I apologize for the lack of activity on this blog lately. School is either just out or finishing up, so I’m sure blogging will pick up in a few days or so.

Anyway, I found this article via Twitter the other day. It’s about the debate going on in Massachusetts about RomneyCare and how to control the costs that are spiraling out of control. Unfortunately, the article is a bit skinny on details and I am sure the debate is focused on keeping the status quo or giving the government an even greater role in health care markets, but I found this line from a state representative (and Democrat) to be most informing:

“The market is most certainly not working. The market is absolutely broken. Health care costs have been rising at 6.7-8% annually over the past decade.”

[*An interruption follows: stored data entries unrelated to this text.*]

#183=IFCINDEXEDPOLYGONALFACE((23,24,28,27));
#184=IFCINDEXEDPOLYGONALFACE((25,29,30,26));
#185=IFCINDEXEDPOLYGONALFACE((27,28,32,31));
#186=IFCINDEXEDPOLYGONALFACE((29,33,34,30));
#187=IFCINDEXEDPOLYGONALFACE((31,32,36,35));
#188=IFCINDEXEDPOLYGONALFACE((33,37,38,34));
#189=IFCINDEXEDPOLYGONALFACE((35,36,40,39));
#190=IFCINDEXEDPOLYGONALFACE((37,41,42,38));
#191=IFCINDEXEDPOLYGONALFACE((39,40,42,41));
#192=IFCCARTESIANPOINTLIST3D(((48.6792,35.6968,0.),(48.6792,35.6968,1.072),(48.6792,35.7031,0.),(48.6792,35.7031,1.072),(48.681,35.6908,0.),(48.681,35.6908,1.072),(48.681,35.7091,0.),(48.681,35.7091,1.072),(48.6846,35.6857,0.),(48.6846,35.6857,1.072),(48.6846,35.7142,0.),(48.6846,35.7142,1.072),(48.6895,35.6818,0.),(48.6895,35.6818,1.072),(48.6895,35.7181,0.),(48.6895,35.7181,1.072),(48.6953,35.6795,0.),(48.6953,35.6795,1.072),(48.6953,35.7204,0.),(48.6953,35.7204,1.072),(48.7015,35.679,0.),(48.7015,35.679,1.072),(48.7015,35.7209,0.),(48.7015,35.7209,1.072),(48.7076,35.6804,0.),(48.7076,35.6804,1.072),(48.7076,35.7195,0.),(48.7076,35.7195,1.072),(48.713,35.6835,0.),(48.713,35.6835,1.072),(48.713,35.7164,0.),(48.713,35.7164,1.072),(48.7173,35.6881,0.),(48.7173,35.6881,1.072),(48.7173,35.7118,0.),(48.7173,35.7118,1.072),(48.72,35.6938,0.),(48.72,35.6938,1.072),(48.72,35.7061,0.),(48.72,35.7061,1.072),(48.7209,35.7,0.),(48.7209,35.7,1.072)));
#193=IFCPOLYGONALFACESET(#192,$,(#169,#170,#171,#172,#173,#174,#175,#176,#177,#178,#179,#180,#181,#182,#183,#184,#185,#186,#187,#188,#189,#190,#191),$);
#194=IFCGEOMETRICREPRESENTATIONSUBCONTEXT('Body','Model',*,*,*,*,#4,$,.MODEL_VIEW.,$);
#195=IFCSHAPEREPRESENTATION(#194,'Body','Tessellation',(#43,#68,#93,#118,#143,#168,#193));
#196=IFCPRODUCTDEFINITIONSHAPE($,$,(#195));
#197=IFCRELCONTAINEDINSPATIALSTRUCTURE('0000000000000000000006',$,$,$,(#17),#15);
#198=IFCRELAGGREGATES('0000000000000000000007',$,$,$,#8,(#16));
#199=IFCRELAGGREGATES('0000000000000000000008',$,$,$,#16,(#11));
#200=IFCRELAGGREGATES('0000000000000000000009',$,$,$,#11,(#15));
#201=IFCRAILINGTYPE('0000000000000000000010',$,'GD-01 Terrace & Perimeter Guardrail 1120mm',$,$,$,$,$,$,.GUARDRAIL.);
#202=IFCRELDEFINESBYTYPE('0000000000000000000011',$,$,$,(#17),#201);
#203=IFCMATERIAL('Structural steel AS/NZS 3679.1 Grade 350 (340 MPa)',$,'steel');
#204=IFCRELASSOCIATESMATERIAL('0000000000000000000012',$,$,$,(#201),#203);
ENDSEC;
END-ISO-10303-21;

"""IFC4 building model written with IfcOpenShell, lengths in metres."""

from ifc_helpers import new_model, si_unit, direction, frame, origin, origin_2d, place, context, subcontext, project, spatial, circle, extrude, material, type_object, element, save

Yikes. I have a question: if you break a man’s legs and then tell him to run a five-minute mile, will he succeed? The rising costs, of course, are the real problem here, and one that won’t be fixed by introducing more incentives to keep prices both ambiguous and in some cases arbitrary.

RomneyCare, for those of you who don’t know (on this blog? yeah right!) has served as the blueprint for ObamaCare and it involves a nasty combination of forcing people to buy to buy insurance and subsidizing those who do not (or cannot due to the predictable price increase of insurance after the mandate went into effect).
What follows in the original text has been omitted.